The Autorité de la concurrence therefore withdraws the decision authorizing the merger. Unless they restore the previous situation (before the merger), Vivendi and Canal Plus Group will have to renotify the transaction to the Autorité within one month.

The Autorité noted the seriousness of the breaches established – that are the result of some negligence and, generally speaking, of a repeated lack of diligence and ill will from Canal Plus – as well as the harm to competition that may be generated by these breaches to the commitments. Therefore, the Autorité imposed Canal Plus Group a financial penalty amounting 30 million euros.
 

THE MERGER BETWEEN CANAL PLUS AND TPS: A MAJOR TAKEOVER THAT REQUIRED MANY COMMITMENTS FROM THE CANAL PLUS GROUP

The transaction, which led to the creation of the Canal+ France company, led to the merger of the two main operators on the pay-TV market, and in particular led to the creation of a monopoly in channel publishing and the distribution of premium pay-TV offerings and had the effect of strengthening Canal Plus Group’s dominant position on the downstream market for the retail distribution of pay-TV. Due to the numerous risks of anticompetitive effects, the merger clearance decision issued by the Minister of the Economy after advice by the Conseil de la concurrence had been subject to the implementation of 59 commitments by Vivendi Universal and Canal Plus Group, aiming at addressing the competition concerns identified.

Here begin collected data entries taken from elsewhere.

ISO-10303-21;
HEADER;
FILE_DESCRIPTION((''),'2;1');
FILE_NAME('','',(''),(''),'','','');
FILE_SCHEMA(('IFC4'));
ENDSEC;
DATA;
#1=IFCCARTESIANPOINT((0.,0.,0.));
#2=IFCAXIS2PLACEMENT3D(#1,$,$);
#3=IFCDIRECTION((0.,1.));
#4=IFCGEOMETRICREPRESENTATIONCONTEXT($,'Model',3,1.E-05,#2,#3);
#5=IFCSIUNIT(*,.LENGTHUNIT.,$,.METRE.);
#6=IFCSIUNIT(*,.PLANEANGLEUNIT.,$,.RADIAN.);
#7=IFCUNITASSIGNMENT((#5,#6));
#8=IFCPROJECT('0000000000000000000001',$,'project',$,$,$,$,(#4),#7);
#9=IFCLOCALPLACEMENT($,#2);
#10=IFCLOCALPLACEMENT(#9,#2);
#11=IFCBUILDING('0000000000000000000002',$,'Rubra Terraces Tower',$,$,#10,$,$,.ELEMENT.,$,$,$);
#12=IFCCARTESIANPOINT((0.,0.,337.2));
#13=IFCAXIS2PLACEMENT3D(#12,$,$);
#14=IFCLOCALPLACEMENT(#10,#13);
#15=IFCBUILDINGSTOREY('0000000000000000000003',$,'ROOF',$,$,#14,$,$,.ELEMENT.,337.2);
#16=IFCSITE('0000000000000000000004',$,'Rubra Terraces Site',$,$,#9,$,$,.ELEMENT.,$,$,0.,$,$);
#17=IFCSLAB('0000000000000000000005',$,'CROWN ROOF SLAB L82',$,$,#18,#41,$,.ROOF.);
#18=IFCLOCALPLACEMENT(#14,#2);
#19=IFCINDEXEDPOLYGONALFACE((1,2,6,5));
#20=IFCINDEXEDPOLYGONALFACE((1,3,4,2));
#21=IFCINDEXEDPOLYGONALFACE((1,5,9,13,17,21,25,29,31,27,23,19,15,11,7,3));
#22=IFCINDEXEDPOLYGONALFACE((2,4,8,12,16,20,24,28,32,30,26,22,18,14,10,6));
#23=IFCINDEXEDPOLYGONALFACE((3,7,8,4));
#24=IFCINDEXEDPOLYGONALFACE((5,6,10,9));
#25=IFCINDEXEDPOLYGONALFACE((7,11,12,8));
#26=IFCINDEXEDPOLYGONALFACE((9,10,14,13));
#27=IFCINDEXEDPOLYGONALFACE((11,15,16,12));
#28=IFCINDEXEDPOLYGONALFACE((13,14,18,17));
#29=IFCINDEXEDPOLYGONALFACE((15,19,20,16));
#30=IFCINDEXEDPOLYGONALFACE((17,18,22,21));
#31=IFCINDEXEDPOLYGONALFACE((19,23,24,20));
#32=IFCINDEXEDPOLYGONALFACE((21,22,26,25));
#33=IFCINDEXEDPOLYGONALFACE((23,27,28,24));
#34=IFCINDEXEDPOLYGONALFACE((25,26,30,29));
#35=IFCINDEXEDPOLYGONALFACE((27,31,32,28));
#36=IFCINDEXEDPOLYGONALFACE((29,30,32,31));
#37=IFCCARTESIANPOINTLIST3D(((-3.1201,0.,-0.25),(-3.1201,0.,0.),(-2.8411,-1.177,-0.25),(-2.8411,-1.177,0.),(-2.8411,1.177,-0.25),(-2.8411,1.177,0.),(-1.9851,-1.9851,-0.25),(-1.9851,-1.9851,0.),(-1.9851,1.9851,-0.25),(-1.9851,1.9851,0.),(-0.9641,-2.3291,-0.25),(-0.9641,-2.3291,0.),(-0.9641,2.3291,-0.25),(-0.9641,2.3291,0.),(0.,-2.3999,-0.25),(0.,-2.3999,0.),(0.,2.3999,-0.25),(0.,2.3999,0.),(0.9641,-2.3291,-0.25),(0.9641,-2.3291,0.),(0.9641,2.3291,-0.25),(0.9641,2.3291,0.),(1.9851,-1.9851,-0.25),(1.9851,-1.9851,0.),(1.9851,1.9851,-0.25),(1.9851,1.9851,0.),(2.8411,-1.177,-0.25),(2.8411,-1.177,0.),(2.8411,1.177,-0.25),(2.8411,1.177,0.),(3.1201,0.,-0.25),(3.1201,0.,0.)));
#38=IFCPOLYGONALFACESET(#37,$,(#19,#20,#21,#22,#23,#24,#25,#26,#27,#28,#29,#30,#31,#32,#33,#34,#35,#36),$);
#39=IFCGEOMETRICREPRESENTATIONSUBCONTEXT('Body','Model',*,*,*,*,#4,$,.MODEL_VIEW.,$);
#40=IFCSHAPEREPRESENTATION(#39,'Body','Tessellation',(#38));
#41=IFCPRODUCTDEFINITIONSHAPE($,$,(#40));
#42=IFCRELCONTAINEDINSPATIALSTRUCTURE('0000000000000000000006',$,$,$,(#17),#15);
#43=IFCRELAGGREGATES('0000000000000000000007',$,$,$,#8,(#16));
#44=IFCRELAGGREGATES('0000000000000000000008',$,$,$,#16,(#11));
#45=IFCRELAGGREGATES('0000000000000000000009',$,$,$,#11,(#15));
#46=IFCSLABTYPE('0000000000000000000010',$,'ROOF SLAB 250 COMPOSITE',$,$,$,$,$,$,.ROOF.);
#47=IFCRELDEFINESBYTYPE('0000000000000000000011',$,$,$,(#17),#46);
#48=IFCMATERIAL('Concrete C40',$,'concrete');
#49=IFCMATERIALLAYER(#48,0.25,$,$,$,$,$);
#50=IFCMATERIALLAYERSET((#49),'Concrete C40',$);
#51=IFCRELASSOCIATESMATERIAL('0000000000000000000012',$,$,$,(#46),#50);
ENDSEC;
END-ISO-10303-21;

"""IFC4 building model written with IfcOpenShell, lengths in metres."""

from ifc_helpers import new_model, si_unit, direction, frame, origin, place, context, subcontext, project, spatial, polyline, outline, extrude, material, layer, layer_set, type_object, element, save


model = new_model("IFC4")

# Units and contexts
model_context = context("Model", 3, precision=1e-05, world=origin(), true_north=direction((0.0, 1.0)))
body_context = subcontext(model_context, "Body", "Model", "MODEL_VIEW")
ifc_project = project(units=[si_unit("LENGTHUNIT", "METRE"), si_unit("PLANEANGLEUNIT", "RADIAN")], contexts=[model_context])

# Site, building, storey
site_placement = place(None, origin())
site = spatial("IfcSite", under=ifc_project, at=site_placement, Name="Rubra Terraces Site", CompositionType="ELEMENT", RefElevation=0.0)
building_placement = place(site_placement, origin())
building = spatial("IfcBuilding", under=site, at=building_placement, Name="Rubra Terraces Tower", CompositionType="ELEMENT")
storey_placement = place(building_placement, frame((0.0, 0.0, 337.2)))
storey = spatial("IfcBuildingStorey", under=building, at=storey_placement, Name="ROOF", CompositionType="ELEMENT", Elevation=337.2)

# Slab
ifc_material = material(Name="Concrete C40", Category="concrete")
ifc_layer = layer(ifc_material, 0.25)
ifc_layer_set = layer_set([ifc_layer], Name="Concrete C40")
slab_type = type_object("IfcSlabType", Name="ROOF SLAB 250 COMPOSITE", PredefinedType="ROOF", material=ifc_layer_set)
slab_placement = place(storey_placement, frame((0.0, 0.0, -0.25)))
element("IfcSlab", 1, at=slab_placement, inside=storey, type_object=slab_type, Name="CROWN ROOF SLAB L82", PredefinedType="ROOF", context=body_context, shape_type="SweptSolid", body=[
    extrude(outline(polyline([(3.1201, 0.0), (2.8411, 1.177), (1.9851, 1.9851), (0.9641, 2.3291), (0.0, 2.3999), (-0.9641, 2.3291), (-1.9851, 1.9851), (-2.8411, 1.177), (-3.1201, 0.0), (-2.8411, -1.177), (-1.9851, -1.9851), (-0.9641, -2.3291), (0.0, -2.3999), (0.9641, -2.3291), (1.9851, -1.9851), (2.8411, -1.177), (3.1201, 0.0)])), origin(), (0.0, 0.0, 1.0), 0.25),
])

save(model, "model.ifc")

The objective of this whole set of commitments was to grant pay-TV distributors that would still remain after the transaction (mainly internet access providers) the access to programmes/channels that are sufficiently attractive to enable them to constitute competitive pay-TV channels packages, which would help to make competition livelier on the downstream market of subscription based pay-TV.

The commitments aimed to facilitate, on the upstream markets2, the acquisition of broadcasting rights by Canal Plus Group competitors and to enable them, on the intermediate market of channel production3, to purchase the rights to broadcast thematic channels, which prove necessary to constitute attractive pay-TV channels packages.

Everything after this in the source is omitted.